Doctorat de l’Université dirigé par le professeur Jean-François KERVÉGAN, soutenu le 21 novembre 2005 en Sorbonne. Membres du jury : M. Bertrand BINOCHE (Université de Paris I. Président) ; Mme Catherine COLLIOT-THÉLÈNE (Université de Rennes I) ; M. Franck FISCHBACH (Université de Toulouse II) ; M. Jean-François KERVÉGAN (Université de Paris I) ; M. Bernard MABILLE (Université de Poitiers).
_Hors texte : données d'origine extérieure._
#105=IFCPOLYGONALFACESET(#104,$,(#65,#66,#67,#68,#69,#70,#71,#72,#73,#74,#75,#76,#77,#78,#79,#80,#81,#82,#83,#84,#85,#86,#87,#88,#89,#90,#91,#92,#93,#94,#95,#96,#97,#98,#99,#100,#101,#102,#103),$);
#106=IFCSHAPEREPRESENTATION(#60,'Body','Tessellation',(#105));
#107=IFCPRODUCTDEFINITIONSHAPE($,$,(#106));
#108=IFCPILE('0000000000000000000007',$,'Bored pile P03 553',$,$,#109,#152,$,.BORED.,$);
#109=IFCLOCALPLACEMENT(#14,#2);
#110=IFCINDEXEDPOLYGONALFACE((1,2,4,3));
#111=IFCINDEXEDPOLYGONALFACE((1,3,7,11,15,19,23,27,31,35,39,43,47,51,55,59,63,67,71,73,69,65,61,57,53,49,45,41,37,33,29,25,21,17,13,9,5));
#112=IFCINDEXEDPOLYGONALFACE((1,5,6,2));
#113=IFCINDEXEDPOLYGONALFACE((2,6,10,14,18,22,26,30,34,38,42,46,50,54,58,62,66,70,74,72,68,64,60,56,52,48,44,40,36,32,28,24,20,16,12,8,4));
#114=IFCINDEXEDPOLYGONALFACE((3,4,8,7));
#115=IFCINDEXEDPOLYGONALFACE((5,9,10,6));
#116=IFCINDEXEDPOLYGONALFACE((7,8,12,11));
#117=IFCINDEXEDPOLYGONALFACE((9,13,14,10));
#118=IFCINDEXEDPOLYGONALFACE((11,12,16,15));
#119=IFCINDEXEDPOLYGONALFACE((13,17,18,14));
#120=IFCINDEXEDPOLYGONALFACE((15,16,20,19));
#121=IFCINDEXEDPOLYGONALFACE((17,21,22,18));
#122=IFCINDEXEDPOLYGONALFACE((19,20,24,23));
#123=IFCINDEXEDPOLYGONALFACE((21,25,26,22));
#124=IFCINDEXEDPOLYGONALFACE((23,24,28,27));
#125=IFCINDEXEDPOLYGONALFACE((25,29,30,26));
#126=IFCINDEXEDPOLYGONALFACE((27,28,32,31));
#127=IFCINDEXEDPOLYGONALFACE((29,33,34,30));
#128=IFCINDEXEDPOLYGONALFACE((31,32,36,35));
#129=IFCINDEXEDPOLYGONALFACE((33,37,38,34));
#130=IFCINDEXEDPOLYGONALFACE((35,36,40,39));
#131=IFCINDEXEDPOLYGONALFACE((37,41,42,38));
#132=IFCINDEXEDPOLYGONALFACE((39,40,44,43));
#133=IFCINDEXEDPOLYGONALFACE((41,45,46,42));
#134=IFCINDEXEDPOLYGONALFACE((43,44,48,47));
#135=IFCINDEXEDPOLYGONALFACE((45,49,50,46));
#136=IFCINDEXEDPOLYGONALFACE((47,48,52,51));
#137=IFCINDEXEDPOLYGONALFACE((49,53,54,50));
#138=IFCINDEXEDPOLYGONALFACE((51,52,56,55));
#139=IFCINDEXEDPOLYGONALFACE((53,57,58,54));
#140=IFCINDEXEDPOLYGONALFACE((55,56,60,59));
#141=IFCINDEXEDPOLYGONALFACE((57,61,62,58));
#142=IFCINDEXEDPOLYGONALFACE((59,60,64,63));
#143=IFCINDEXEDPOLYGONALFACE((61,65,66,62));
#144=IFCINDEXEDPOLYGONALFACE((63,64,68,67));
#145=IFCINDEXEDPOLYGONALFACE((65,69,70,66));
Le succès moderne, sinon récent, du pragmatisme et de l'individualisme, semble aujourd'hui suffisant à prononcer l'obsolescence de toute pensée se satisfaisant de réfléchir sur ce qui est. En ce sens, le hégélianisme, qui avoue volontiers que pour ce qui est de « l' enseignement qui dit comme le monde doit être, la philosophie, de toute façon, vient toujours trop tard », trahirait un esprit figé, penché sur le temps ou recroquevillé sur lui-même. C'est l'erreur de ne retenir ici qu'une philosophie de l'histoire ou une histoire de la philosophie, que nous avons voulu dénoncer.
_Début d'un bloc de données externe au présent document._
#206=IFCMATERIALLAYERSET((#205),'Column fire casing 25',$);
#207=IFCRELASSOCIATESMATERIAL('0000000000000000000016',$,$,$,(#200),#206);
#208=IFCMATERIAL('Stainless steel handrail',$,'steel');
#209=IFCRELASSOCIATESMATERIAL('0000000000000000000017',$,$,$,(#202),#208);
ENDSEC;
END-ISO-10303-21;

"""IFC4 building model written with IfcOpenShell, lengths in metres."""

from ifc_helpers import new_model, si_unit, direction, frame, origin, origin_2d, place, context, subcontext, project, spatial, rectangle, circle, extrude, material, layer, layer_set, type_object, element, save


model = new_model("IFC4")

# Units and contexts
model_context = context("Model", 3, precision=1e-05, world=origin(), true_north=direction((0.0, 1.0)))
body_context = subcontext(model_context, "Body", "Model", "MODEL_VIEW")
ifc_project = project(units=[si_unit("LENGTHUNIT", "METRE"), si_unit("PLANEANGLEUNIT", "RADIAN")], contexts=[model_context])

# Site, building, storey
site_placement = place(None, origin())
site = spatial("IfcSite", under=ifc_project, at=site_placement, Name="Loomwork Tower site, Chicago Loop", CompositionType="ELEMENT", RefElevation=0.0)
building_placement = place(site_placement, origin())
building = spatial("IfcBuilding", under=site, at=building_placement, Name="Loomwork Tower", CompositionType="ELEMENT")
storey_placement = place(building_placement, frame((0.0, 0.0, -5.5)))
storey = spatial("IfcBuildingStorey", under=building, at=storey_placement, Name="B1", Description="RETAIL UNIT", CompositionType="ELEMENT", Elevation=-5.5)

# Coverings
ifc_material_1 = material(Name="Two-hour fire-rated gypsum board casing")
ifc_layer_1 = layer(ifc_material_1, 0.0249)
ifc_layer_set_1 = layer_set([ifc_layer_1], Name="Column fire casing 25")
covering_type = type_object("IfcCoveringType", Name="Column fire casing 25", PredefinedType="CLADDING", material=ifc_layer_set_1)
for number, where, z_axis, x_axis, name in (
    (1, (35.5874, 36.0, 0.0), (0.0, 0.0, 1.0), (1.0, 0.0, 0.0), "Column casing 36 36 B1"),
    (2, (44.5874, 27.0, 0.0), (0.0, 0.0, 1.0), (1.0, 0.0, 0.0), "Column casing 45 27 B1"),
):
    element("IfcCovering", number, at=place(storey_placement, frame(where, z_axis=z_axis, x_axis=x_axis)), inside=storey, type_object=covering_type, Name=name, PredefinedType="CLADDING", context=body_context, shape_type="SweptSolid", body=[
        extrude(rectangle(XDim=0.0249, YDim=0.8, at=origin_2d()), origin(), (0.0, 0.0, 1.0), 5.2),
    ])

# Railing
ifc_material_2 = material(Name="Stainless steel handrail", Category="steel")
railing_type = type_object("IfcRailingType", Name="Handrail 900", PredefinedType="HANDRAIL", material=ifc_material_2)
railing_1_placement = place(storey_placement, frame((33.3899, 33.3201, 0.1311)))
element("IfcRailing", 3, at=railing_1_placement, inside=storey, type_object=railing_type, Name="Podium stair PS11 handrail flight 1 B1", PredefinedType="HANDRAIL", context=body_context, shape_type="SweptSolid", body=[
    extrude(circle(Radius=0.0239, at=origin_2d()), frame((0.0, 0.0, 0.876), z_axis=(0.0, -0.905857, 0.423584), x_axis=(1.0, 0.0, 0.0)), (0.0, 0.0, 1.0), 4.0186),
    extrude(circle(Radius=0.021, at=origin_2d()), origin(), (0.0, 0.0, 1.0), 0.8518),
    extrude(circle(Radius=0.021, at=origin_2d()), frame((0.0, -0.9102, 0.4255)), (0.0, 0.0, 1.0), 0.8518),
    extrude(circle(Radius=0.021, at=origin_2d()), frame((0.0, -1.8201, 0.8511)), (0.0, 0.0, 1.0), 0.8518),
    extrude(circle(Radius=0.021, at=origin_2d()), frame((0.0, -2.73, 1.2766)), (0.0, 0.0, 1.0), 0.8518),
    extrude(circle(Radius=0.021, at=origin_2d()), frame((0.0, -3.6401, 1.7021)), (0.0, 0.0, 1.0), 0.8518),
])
En faisant de la transformation l'énergie de la Sittlichkeit , Hegel démontre pourtant l'identité de la pensée et de l'action, susceptible d'accomplir les droits d'un sujet qui n'est pas le seul individu, et ceux d'un monde irréductible à un musée des institutions humaines. C'est pourquoi l'esprit objectif développe sa normativité en même temps que sa vitalité ; c'est pourquoi la subjectivité déploie dans sa vie absolue son action de trouver un monde, de le produire, de s'y libérer. Ainsi se définit le processus infini de la culture.

C'est sûrement selon cette invitation à comprendre et à vivre notre société, en ne désespérant jamais de la force de la pensée, que nous sommes aujourd'hui tributaires, à l'instar de Merleau-Ponty, de Charles Taylor ou de Vincent Descombes, de la pensée hégélienne.